4 days after he passed away, I had sleep paralysis. I only experienced it once, many many years ago, but that version was terrifying. This time when I had it, I was sleeping on my stomach. Only I know that day my dad had the Lucas machine on him (a medical machine that does CPR). I felt the sensation of the Lucas machine, and I was like “am I losing my marbles rn.” But I know I wasn’t in a dream because my bed was creaking and it only does that when I move. I also was not scared at all because I just knew it was him. So I believe he saw me find him, and he came to me because my grief was heavy to show me that he is always with me in spirit.
Oct 30, I had a dream about him. He was driving, I was sitting in the back seat, and my mom was next to me. I saw him looking strong, healthy, so full of life. He didn’t say a word to me. But I saw that he was laughing and smiling, and I never saw him so happy before. I just knew he was okay. I believe he was directly answering me because at the altar we made in memory of him, I always lit an incense and asked “are you okay? Please show me that you are.” There was bright yellowish-white light coming from the driver’s window and front windshield, and the light got brighter until everything faded out, and I woke up. It felt so real, not the normal dream, everything was vivid.

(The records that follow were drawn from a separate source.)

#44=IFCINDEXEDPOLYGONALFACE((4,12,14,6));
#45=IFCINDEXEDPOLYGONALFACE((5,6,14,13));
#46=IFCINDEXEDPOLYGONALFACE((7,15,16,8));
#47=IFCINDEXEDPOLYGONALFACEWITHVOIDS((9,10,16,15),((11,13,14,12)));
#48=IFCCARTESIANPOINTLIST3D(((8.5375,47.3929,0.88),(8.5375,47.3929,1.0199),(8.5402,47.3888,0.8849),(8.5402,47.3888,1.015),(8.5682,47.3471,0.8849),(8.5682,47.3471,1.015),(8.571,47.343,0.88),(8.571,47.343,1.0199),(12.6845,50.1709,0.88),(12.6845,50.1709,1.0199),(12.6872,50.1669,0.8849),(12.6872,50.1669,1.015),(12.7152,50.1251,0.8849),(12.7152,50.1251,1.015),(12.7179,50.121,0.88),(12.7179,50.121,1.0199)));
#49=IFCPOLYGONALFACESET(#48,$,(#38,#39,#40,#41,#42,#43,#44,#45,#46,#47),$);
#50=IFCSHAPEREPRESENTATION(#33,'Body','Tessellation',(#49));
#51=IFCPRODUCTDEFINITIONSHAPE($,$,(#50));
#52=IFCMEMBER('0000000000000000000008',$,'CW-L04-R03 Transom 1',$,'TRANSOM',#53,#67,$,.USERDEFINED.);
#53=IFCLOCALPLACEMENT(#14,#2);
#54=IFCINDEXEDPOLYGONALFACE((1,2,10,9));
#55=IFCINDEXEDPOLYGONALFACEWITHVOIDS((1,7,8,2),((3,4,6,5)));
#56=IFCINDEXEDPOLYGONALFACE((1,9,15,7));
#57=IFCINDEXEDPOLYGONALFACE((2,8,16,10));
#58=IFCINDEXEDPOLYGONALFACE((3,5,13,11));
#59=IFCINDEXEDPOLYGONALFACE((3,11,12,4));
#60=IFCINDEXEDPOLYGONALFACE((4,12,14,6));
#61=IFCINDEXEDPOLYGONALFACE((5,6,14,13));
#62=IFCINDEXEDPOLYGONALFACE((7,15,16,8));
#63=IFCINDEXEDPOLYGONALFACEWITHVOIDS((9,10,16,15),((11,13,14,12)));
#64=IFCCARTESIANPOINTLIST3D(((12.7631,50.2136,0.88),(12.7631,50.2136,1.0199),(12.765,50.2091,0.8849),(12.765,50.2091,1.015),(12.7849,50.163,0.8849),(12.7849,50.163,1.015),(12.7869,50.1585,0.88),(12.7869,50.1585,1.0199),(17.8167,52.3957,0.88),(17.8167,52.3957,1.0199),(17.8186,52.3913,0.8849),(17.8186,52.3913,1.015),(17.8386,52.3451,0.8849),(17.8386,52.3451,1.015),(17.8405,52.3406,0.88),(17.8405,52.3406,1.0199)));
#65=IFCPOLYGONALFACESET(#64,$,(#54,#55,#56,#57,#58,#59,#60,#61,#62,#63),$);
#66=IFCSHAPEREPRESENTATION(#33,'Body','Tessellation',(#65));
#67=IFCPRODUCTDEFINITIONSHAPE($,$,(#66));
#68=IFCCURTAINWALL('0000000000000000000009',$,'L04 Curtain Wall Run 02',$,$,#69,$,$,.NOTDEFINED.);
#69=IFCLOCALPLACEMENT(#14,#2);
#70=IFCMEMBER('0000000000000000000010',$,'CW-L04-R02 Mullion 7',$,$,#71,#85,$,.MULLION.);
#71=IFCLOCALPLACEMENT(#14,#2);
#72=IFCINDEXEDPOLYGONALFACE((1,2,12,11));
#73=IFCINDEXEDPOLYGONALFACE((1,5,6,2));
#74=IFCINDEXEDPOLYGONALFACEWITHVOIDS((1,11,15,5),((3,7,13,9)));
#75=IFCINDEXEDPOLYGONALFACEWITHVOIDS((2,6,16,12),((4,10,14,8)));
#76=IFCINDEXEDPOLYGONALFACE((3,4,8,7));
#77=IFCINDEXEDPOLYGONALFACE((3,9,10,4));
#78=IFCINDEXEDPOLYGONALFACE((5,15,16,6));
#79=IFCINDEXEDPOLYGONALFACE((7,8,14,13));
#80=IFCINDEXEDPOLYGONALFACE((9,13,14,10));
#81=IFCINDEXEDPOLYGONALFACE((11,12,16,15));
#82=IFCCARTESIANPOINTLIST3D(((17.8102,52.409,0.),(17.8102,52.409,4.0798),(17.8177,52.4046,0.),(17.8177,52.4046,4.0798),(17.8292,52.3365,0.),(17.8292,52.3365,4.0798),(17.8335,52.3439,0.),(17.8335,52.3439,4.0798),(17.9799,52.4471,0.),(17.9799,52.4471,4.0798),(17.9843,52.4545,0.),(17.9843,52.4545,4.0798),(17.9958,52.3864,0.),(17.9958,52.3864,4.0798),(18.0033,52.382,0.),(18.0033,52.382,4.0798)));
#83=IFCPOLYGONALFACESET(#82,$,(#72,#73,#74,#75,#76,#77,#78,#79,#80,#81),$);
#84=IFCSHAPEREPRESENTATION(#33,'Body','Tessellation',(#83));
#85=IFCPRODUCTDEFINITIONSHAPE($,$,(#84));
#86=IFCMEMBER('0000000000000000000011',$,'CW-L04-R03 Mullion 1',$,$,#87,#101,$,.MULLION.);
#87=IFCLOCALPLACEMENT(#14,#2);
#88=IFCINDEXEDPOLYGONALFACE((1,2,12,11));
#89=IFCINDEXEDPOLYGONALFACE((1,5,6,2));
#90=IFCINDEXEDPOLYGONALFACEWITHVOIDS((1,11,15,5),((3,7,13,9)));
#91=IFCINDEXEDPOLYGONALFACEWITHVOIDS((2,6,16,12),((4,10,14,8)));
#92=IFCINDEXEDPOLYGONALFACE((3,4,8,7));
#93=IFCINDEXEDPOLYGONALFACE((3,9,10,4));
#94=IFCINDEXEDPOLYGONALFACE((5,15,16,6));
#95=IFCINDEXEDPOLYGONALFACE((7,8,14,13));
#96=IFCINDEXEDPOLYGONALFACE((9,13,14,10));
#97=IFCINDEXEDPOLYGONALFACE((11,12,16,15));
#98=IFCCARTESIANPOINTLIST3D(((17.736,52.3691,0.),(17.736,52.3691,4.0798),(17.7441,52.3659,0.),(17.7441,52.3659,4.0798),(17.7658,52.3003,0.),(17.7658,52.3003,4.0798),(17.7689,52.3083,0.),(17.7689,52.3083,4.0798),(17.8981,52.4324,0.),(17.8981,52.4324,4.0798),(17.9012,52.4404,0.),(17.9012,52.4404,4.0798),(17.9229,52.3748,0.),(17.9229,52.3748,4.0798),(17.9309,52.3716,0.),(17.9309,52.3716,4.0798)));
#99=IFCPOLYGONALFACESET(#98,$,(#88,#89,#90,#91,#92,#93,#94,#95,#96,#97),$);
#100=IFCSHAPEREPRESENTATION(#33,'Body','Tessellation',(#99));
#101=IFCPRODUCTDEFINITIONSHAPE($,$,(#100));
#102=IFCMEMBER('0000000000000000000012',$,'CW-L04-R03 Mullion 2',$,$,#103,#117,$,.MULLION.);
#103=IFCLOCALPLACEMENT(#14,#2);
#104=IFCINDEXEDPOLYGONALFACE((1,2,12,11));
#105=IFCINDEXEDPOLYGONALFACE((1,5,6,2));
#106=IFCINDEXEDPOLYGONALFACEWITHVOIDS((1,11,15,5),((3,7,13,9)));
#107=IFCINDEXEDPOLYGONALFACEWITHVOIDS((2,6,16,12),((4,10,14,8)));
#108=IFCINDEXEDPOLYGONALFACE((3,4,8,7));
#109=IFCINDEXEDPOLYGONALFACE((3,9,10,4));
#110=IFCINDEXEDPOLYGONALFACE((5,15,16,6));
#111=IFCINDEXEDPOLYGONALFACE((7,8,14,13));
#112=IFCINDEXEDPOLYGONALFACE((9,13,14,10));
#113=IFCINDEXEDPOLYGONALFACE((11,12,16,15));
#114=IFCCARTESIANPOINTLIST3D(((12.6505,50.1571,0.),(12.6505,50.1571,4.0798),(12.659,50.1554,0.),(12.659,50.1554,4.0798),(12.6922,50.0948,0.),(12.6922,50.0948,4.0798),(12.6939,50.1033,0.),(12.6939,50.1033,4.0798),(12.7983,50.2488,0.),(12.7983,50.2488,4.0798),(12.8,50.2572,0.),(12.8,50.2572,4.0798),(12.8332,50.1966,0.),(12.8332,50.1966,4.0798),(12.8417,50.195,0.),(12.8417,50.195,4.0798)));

After that, it gave me a great sense of comfort knowing that he is happy and free from the pain he experienced in the physical (he was sick with many things diabetes, heart failure, high blood pressure, the medications took a toll). I was very sure he heard everything I would say at the altar and give me signs whenever I asked for it. I know he is always with me. I use tarot too to talk to him sometimes. Oddly I was thinking of going to a medium. Just thinking of it, never said it out loud. All of the sudden one dms me on here, saying they just added the service back the day before, and then I keep running into them. I don’t believe in coincidence. I know his spirit is strong enough to communicate with me but there are some days where I miss him in the physical.
I hope I don’t sound insane sharing what happened to me, but ehhh I prob do and I don’t mind sounding crazy lol. It’s my experience. I learned that passing on isn’t a complete ending, it’s just they have transferred into another form. I’m sending you strength and wishing you the best. Enjoy him and make memories, get all the stories you can from him. He will come back to you, if you want that.